We believe that, from the perspective of the Supreme Court's ruling, whether the "perpetual contracts" in the cryptocurrency circle constitute the crime of running a gambling house should focus on its operating mechanism, whether it is closer to the traditional futures trading mechanism or closer to the pure gambling speculation mechanism. If it belongs to the former, it should not be convicted and punished for running a gambling house.

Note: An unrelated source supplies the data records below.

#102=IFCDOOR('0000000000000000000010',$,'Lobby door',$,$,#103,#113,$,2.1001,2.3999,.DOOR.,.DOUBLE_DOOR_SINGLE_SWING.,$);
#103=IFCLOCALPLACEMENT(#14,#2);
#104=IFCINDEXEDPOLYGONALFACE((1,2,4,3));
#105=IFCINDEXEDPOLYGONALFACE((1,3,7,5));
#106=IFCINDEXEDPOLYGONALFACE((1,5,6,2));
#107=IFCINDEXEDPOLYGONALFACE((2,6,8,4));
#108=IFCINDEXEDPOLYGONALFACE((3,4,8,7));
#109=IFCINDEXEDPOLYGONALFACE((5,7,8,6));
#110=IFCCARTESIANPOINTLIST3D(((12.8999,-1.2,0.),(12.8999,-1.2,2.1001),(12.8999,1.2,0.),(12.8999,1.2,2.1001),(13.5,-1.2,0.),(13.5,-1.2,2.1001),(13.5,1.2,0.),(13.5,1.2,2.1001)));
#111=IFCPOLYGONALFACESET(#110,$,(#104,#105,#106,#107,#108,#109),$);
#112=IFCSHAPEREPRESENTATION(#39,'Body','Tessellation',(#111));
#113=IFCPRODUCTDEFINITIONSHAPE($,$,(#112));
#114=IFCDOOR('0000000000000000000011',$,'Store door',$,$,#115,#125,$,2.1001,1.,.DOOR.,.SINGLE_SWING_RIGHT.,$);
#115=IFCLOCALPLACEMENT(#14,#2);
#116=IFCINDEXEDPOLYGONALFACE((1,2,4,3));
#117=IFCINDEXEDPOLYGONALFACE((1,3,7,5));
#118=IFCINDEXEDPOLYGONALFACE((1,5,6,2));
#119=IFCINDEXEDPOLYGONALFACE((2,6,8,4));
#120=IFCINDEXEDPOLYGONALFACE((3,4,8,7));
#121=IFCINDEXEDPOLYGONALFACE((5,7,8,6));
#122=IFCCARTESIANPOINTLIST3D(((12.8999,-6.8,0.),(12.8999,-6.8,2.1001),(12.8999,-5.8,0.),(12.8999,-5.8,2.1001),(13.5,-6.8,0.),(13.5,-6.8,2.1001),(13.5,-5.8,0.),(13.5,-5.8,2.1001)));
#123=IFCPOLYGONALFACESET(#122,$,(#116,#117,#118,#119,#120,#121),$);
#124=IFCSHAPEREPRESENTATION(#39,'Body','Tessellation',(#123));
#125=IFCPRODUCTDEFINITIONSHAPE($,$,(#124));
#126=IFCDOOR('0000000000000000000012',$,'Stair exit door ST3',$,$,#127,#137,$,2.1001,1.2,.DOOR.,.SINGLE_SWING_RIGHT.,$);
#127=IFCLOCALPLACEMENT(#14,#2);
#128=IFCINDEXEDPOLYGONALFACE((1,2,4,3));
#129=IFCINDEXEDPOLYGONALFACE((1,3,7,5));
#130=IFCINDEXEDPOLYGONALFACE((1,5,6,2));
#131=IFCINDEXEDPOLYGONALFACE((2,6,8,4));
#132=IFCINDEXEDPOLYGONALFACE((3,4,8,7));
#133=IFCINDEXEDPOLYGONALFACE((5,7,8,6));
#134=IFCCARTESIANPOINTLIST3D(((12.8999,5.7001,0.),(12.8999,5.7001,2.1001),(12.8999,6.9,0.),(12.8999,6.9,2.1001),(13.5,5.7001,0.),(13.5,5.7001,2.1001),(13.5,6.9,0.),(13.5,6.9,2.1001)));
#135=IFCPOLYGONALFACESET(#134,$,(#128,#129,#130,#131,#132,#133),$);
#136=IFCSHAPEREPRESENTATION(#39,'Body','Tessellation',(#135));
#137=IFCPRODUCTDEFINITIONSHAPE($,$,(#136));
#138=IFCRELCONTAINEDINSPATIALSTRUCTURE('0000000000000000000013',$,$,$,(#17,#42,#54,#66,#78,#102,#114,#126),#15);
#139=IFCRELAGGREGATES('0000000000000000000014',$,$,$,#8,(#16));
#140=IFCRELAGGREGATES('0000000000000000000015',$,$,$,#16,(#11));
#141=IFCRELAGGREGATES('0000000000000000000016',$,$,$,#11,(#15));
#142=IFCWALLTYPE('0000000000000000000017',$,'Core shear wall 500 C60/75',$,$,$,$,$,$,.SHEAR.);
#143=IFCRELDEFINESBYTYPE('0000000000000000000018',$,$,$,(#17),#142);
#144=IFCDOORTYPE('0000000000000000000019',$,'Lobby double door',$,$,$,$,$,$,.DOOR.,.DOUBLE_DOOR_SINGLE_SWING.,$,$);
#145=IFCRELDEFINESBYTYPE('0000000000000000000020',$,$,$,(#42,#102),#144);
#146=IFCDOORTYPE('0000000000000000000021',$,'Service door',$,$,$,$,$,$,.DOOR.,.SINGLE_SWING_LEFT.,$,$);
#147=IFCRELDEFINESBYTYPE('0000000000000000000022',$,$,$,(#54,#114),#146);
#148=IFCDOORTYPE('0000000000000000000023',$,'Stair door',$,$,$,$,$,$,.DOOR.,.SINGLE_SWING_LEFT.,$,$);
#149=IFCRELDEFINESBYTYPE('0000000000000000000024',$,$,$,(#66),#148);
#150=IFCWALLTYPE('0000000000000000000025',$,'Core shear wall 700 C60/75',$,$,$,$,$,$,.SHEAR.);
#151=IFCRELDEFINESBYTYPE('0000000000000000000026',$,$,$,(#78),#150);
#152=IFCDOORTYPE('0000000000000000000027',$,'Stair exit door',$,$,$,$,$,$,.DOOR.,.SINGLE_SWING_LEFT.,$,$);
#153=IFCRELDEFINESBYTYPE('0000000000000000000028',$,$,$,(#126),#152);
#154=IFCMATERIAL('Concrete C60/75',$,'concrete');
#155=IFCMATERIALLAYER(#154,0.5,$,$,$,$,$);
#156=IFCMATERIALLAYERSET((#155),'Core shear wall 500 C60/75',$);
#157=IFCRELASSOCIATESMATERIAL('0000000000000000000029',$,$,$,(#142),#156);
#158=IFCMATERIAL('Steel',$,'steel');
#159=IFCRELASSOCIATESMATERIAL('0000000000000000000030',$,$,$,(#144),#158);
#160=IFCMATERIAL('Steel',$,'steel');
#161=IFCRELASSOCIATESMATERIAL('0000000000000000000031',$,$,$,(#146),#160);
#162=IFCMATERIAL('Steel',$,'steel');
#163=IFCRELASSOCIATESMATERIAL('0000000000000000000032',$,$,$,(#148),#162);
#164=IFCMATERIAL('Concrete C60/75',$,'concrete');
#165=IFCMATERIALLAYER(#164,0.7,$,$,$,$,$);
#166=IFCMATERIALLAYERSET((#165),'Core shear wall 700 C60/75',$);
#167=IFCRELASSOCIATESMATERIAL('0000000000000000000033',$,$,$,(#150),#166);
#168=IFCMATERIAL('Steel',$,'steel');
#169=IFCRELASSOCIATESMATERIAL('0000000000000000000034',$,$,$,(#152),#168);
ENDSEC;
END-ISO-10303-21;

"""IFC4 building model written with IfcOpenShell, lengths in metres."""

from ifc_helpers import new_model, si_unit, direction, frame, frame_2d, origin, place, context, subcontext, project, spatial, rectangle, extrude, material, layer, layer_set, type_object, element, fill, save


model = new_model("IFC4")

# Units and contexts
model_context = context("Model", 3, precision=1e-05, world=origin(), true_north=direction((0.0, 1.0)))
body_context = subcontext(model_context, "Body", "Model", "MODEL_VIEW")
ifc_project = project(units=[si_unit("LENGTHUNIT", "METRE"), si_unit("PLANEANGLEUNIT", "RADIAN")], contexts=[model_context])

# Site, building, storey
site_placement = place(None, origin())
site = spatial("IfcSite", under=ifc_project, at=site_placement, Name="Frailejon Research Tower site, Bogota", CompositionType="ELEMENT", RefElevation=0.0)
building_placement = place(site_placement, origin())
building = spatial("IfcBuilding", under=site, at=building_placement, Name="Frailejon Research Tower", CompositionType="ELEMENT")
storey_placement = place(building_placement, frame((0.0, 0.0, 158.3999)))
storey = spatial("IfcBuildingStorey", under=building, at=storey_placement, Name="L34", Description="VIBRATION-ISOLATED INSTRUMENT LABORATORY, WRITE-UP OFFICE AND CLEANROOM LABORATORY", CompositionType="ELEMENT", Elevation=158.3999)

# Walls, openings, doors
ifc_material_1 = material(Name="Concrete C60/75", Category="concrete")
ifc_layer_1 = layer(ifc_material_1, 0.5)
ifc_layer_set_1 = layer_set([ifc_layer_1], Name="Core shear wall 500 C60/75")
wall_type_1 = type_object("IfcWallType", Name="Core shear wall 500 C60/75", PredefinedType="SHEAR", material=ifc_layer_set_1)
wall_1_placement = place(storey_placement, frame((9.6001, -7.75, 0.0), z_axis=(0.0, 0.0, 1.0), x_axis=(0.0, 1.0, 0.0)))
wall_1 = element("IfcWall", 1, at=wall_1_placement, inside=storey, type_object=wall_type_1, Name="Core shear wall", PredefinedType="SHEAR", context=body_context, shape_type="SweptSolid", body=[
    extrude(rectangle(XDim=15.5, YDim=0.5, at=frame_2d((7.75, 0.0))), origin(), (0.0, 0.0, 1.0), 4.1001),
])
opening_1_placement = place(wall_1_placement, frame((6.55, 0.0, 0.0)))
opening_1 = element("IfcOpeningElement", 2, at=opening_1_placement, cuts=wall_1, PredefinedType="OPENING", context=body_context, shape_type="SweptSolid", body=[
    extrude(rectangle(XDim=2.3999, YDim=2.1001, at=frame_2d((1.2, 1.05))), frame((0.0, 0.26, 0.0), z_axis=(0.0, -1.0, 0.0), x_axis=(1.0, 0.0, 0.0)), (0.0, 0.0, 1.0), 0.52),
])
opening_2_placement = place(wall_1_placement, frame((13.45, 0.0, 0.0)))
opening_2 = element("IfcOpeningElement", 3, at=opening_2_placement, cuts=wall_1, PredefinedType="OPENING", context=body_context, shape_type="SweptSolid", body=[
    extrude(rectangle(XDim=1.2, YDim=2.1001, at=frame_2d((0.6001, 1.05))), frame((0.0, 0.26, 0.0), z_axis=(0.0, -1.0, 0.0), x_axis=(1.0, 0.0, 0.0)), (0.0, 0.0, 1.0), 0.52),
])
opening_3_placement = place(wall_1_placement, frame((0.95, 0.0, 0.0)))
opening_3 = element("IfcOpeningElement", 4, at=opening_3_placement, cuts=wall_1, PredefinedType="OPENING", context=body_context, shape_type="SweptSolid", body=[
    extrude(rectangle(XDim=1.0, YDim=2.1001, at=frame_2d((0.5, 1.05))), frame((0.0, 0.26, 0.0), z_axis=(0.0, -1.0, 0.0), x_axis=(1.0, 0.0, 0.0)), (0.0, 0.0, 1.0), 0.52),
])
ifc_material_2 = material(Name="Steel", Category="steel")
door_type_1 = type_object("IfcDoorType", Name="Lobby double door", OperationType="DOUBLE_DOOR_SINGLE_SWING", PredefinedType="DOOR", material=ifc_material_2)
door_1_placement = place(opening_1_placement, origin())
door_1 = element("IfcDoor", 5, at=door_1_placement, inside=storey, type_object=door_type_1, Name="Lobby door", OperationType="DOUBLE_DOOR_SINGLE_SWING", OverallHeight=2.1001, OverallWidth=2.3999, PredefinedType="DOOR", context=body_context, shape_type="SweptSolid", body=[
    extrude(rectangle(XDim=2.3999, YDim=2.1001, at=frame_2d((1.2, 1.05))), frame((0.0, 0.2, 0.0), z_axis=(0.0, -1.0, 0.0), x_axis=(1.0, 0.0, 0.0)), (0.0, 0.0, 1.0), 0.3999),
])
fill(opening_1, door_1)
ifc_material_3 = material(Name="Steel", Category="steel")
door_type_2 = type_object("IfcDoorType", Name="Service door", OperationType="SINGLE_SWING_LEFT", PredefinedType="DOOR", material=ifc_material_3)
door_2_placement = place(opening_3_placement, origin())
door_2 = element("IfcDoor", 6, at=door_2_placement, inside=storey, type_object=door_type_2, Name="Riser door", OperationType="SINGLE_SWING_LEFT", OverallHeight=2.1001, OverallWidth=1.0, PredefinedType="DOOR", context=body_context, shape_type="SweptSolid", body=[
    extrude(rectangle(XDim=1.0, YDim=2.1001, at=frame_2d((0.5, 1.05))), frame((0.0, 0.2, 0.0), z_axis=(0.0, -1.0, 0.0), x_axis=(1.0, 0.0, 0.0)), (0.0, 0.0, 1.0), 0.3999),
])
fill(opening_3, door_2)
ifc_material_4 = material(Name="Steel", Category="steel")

The common perpetual contract gameplay in the market generally allows users to choose to close their positions and sell at any time according to the market fluctuations of cryptocurrencies, and both the closing price and the selected trading time may affect the user's profit and loss. Overall, "perpetual contracts" cannot be simply evaluated as a simple gambling behavior of "betting big or small, gambling on ups and downs". It requires participants to use their professional knowledge to choose buying and selling strategies through reasonable judgment and analysis, which is significantly different from other common "nine parts predetermined" pure probability-based gambling behaviors. The social harmfulness is also vastly different. Simply and crudely convicting and punishing it for running a gambling house, I do not agree.
Final Thoughts
Although I do not agree with the recent rulings, an undeniable reality is that the controversy over convictions cannot change the high-risk nature of the perpetual contract business itself in our country, its potential risks include but are not limited to the crimes of fraud, illegal business operations, etc. At the same time, do not engage in perpetual contract business in disguise, partners must pay more attention, do not cross the line.